Facebook iPhone app takes OSS code without attribution - basil
http://developers.enormego.com/view/what-happened-common-courtesy-facebook
======
daveman692
I'm David Recordon and head up our open source programs at Facebook. I'd like
to point out Jeff Verkoeyen's comment about where this specific piece of code
came from. [http://developers.enormego.com/view/what-happened-common-
cou...](http://developers.enormego.com/view/what-happened-common-courtesy-
facebook#comment-70135140)

Back in February a developer outside of Facebook sent a GitHub pull request
which included this pull to refresh functionality. At the time we believed
that the developer wrote the code themselves and thus didn't realize that it
actually came from Shaun's open source library EGOTableViewPullRefresh. I'm
sorry that we messed this one up. Three20 has over a dozen different
contributors (<http://github.com/facebook/three20/blob/master/AUTHORS>) and we
try really hard to give credit where it is due.

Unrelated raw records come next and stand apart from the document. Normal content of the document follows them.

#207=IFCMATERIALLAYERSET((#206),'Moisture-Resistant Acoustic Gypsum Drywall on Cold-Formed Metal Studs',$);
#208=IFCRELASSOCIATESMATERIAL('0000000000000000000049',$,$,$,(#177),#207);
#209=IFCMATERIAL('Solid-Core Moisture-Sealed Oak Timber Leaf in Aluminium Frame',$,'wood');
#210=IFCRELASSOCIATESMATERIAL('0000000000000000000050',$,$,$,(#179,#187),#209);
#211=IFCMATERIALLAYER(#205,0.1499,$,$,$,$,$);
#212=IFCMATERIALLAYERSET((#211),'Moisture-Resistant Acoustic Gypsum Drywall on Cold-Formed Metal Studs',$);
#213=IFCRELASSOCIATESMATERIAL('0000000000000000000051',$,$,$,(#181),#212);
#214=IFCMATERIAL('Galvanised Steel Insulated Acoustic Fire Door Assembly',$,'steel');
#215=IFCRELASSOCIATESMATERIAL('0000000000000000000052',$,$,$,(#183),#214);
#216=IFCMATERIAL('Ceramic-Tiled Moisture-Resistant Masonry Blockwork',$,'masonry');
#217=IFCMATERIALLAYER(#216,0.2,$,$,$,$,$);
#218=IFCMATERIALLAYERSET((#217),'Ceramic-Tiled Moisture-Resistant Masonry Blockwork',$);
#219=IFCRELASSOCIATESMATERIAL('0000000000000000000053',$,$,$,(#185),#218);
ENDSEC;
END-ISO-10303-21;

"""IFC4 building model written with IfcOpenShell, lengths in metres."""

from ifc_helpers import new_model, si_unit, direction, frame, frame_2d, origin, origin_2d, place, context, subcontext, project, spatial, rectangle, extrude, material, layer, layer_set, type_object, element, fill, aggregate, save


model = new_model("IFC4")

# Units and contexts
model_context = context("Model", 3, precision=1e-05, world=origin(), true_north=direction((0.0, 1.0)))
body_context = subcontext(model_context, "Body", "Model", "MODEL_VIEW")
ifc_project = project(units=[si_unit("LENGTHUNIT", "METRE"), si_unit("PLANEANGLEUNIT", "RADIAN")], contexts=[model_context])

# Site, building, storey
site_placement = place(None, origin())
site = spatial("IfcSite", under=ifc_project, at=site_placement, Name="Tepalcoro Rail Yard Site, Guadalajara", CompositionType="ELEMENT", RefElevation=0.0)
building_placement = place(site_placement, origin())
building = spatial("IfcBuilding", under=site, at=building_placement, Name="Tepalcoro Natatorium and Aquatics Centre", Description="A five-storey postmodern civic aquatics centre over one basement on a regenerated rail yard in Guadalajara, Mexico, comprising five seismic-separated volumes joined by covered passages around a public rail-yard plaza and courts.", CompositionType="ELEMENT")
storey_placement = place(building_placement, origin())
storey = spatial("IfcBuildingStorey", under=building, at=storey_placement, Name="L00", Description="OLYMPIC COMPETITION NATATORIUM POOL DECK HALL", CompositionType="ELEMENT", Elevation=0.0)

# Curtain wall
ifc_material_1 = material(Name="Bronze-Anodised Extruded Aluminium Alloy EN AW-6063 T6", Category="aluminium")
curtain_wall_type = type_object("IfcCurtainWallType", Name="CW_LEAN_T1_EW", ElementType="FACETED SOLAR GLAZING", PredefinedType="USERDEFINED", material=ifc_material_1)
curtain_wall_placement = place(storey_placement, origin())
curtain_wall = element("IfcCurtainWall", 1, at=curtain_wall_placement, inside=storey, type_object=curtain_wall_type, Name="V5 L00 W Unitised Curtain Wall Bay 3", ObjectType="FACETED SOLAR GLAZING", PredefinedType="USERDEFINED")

As for fixing this, the code clearly came from EGOTableViewPullRefresh and
we're updating the four file's within Three20 to directly reflect that and
link back to Shaun's project. This patch will be pushed to GitHub shortly.

While it isn't the most well known address, please always feel free to email
opensource@facebook.com or me directly at davidrecordon@facebook.com.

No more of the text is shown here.